Former US Regulator Likens FTX and Sam Bankman-Fried to Bernie Madoff and His Ponzi Scheme
Former US Regulator Likens FTX and Sam Bankman-Fried to Bernie Madoff and His Ponzi Scheme
Former Federal Deposit Insurance Corporation (FDIC) Chair Sheila Bair likens the fall of crypto exchange FTX and its former CEO Sam Bankman-Fried to the infamous Ponzi Scheme of Bernie Madoff. “It felt very Bernie Madoff-like in that way,” she said. Former FDIC Chair Compares FTX and Sam Bankman-Fried to Bernie Madoff’s Ponzi Scheme
Sheila Bair, a top U.S. regulator during the 2008 financial crisis, explained in an interview with CNN Monday that there are eerie similarities between the rise and fall of FTX and former CEO Sam Bankman-Fried and that of Bernie Madoff.
Bair chaired the Federal Deposit Insurance Corporation (FDIC) from 2006 to 2011. She now sits on the board of directors at blockchain infrastructure firm Paxos.
She explained that both Bankman-Fried and Madoff proved adept at seducing sophisticated investors and regulators into ignoring red flags hiding in plain sight. FTX filed for Chapter 11 bankruptcy last week and Bankman-Fried stepped down as the CEO.
“Charming regulators and investors can distract [them] from digging in and seeing what’s really going on,” Bair described, elaborating: It felt very Bernie Madoff-like in that way.
Madoff ran the largest Ponzi scheme in history, worth about $64.8 billion. He promised investors high returns but rather than investing, he deposited their money into a bank account and paid, upon request, from existing and new investors’ funds. Convicted of fraud, money laundering, and other related crimes, he was sentenced to 150 years in federal prison. Madoff died in prison on April 14, last year, at the age of 82.
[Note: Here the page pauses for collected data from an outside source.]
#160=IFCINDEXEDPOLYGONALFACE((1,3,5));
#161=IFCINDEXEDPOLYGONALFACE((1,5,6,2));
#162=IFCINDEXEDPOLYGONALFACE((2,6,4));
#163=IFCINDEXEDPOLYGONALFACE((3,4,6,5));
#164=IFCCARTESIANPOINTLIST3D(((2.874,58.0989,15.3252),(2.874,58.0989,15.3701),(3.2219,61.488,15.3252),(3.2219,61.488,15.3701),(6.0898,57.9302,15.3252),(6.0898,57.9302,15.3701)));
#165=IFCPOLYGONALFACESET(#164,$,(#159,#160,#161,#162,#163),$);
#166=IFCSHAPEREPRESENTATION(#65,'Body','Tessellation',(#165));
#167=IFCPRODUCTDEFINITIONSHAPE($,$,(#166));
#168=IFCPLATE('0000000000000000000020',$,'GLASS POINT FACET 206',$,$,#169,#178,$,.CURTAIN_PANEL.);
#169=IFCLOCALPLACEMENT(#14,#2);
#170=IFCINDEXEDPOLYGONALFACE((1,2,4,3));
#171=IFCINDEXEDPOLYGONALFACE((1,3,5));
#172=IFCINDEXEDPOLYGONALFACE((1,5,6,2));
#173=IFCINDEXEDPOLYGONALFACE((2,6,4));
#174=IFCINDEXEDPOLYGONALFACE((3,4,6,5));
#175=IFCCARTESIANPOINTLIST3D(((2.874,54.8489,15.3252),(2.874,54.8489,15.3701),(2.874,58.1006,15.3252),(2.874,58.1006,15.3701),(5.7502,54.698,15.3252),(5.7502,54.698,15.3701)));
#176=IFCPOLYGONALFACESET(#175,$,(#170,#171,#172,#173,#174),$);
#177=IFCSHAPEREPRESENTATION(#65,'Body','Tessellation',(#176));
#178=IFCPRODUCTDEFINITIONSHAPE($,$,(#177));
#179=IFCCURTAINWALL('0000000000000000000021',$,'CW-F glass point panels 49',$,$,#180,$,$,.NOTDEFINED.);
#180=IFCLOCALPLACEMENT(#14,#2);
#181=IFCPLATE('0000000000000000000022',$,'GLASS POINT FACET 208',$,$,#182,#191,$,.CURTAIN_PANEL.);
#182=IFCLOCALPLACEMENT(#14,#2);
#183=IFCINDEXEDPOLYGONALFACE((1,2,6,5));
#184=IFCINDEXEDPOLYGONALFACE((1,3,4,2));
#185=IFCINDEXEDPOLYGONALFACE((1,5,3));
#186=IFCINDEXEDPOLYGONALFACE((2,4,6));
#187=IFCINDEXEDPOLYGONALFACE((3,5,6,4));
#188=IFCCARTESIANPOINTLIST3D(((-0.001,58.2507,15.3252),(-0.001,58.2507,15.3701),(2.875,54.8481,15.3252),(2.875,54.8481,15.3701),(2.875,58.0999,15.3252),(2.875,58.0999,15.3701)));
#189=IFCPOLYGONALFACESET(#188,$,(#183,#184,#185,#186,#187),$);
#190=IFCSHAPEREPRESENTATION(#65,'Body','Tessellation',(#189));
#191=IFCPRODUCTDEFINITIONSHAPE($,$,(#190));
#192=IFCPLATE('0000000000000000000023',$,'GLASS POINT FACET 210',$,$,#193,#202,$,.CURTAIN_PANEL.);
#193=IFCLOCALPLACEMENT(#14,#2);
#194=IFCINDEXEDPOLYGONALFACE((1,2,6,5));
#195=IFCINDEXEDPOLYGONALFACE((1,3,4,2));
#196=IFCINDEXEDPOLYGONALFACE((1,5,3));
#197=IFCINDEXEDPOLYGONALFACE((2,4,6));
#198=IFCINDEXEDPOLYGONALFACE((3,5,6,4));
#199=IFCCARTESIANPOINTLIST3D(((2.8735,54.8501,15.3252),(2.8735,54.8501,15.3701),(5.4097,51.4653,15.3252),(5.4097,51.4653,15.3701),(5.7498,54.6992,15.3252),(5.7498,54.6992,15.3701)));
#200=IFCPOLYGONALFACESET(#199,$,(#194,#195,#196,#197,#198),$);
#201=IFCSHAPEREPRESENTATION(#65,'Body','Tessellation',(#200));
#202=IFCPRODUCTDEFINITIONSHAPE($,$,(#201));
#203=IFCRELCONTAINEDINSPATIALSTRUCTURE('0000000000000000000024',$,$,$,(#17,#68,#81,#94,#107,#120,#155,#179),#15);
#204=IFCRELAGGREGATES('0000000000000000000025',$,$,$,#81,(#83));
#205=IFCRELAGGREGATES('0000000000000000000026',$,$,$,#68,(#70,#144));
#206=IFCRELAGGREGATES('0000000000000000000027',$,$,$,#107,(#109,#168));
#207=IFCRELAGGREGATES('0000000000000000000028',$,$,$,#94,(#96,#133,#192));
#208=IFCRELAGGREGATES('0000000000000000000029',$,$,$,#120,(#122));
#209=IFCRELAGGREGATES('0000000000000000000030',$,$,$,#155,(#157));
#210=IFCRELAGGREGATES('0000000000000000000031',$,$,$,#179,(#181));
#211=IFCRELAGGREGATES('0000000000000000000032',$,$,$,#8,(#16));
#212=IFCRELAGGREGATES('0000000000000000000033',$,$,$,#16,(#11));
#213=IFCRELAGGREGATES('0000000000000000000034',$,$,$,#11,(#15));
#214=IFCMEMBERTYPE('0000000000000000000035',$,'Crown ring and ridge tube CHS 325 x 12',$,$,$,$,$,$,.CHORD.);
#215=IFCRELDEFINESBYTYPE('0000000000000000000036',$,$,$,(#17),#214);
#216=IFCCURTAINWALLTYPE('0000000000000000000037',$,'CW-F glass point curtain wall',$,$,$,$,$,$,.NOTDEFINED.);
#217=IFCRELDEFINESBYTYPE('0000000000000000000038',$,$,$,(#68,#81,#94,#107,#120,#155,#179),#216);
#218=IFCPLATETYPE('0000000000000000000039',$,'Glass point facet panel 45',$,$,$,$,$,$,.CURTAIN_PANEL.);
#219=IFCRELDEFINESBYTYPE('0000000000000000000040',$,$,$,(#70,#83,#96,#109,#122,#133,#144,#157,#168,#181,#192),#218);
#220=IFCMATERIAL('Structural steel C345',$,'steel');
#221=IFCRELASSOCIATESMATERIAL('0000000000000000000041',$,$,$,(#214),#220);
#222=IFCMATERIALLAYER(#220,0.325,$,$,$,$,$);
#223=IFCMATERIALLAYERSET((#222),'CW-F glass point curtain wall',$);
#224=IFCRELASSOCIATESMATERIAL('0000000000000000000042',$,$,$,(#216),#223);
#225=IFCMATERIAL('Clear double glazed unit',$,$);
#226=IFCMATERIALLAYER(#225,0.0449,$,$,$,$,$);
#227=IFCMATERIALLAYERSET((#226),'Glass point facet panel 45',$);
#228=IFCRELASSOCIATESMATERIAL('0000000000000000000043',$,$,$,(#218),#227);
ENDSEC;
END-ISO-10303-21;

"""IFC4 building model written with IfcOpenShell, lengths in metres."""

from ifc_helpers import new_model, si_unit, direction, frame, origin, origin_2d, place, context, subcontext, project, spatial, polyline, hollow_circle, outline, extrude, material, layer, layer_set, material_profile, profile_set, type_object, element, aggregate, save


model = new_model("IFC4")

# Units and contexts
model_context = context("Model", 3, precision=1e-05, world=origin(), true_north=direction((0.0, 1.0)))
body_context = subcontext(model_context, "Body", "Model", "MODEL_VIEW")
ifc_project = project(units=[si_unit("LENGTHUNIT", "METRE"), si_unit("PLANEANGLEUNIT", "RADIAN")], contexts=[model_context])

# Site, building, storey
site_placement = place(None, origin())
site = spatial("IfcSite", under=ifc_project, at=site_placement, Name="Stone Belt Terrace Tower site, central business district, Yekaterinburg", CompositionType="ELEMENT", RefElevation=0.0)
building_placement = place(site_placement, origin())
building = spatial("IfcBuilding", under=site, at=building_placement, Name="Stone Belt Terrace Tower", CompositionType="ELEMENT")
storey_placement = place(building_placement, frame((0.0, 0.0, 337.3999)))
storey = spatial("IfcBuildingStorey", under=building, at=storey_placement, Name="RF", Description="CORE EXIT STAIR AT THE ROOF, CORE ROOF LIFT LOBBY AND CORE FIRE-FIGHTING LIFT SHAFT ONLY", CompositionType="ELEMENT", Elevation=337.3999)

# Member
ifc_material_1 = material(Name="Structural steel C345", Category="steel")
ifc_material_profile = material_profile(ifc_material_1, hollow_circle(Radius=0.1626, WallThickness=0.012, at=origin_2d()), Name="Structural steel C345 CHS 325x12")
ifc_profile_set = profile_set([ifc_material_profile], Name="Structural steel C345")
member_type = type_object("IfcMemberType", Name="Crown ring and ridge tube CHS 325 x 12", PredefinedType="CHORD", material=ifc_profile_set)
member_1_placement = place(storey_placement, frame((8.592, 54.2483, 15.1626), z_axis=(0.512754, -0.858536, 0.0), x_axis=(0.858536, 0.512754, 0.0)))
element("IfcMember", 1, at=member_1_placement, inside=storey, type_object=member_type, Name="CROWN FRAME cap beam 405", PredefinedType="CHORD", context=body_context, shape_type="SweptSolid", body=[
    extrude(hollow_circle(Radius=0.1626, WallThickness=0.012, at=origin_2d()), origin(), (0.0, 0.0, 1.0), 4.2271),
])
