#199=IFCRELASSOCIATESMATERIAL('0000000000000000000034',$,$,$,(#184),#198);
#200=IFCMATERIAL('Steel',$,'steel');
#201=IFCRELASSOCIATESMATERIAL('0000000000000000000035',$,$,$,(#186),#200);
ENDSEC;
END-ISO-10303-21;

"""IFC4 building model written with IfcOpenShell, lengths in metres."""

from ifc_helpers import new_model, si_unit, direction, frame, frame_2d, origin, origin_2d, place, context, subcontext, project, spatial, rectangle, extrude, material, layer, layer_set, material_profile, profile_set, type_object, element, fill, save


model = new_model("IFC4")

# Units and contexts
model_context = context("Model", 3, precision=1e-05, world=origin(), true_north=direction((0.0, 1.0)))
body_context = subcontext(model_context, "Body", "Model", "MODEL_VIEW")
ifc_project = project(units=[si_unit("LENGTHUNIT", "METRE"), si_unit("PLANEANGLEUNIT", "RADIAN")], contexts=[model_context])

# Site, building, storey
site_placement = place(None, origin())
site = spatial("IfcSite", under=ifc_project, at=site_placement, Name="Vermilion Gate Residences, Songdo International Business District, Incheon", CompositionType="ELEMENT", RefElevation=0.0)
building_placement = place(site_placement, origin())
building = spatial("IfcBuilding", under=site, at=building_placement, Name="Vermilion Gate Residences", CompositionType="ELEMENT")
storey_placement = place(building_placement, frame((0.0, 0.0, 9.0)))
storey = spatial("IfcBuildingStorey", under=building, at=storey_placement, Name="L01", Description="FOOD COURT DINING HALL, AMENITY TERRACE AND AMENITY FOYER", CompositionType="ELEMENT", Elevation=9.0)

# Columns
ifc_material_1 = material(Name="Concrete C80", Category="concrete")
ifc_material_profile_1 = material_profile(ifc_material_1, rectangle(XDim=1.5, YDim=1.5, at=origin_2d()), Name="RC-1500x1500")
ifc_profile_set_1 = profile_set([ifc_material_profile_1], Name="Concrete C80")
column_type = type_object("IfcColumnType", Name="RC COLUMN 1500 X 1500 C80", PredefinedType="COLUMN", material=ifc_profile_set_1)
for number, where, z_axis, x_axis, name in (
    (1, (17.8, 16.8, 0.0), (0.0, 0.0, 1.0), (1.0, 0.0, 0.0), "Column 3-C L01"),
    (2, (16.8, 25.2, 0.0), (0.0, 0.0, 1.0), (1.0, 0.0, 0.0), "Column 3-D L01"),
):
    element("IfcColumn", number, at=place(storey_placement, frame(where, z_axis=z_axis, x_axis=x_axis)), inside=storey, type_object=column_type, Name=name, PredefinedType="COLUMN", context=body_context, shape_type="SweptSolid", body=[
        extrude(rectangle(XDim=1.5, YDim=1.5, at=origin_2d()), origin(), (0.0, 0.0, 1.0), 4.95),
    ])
Bankman-Fried secretly transferred about $10 billion of customer funds from FTX to his other trading firm Alameda Research and reportedly used a “backdoor” to avoid triggering accounting red flags.
FTX garnered its $32 billion valuation with investments from major companies and venture capital firms, including Blackrock, Softbank, and Sequoia. Bair commented: You get this herd mentality where if all your peers and marquee names in venture capital are investing, you’ve got to, too. And that adds credibility with Washington policymakers. It all feeds on itself.
The former FDIC chair is not worried about the FTX implosion threatening the entire financial system the way Lehman Brothers did in 2008, noting that crypto is still a relatively small part of the broader economy and financial market.
However, the crypto market remains largely unregulated, leaving investors vulnerable if something breaks. Bair stressed: It’s time to settle on a regulatory regime for crypto and sort out who is regulating what because people are getting hurt.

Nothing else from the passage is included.